TSQL - Solve it YOUR Way - Finding the MAX Value from Multiple Columns
Introduction:
As part of the blog series TSQL - Solve it YOUR Way, today's topic will cover a question recently asked in the Transact-SQL MSDN Forums here, followed by four different solutions from three of the more helpful and creative contributors in the TSQL MSDN forums, Jingyang Li, Steven Wang, and Kent Waldrop.
Topic: I have a table with three datetime columns and want to return the most recent date for each row.
In the following image, we see an example of our three datetime columns, Date1, Date2, and Date3, followed by a "MaxDate" column containing the latest date of the three. The following solutions will show us various ways to calculate this "MaxDate" value.

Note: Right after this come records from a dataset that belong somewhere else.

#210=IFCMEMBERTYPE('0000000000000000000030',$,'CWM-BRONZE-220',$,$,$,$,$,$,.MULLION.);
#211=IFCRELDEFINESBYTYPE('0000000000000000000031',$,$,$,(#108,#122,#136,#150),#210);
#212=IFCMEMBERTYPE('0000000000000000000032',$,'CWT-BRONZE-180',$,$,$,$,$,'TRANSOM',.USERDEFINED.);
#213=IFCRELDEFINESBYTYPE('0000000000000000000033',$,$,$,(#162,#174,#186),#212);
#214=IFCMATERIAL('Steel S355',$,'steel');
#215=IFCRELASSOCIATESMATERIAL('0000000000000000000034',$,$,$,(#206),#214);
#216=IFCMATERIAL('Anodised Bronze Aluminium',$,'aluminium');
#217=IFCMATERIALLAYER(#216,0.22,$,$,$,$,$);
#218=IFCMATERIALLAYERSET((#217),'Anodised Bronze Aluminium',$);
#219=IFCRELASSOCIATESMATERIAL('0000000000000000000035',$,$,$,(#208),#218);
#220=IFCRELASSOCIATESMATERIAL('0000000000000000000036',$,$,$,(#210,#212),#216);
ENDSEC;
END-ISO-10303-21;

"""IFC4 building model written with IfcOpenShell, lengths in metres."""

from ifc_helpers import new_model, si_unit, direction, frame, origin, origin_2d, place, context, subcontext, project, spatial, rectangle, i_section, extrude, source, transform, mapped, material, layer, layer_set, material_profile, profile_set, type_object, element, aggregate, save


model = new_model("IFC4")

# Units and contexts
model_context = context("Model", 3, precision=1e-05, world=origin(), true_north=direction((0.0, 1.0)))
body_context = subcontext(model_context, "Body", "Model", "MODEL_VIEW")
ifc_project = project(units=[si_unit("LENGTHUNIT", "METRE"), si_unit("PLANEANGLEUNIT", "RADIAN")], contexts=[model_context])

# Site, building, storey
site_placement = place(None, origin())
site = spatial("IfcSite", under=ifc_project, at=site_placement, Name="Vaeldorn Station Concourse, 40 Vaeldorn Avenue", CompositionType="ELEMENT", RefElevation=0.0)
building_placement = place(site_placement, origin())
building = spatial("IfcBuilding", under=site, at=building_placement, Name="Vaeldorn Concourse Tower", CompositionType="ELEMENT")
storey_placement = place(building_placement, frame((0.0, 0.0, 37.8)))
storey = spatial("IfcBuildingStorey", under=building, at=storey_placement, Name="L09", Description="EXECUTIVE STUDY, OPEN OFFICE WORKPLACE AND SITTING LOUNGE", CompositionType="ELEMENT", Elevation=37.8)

This is a great question for our blog series because there are so many ways to tackle this question. In fact, the forum post included his original solution using a CASE statement, but he was looking for additional ways to solve the problem. Let's take a look at four additional ways to accomplish this.
Solution #1 and Solution #2 - Provided by Jingyang Li
Code Snippet
create table Dates (id int identity(1,1), date1 datetime, date2 datetime, date3 datetime)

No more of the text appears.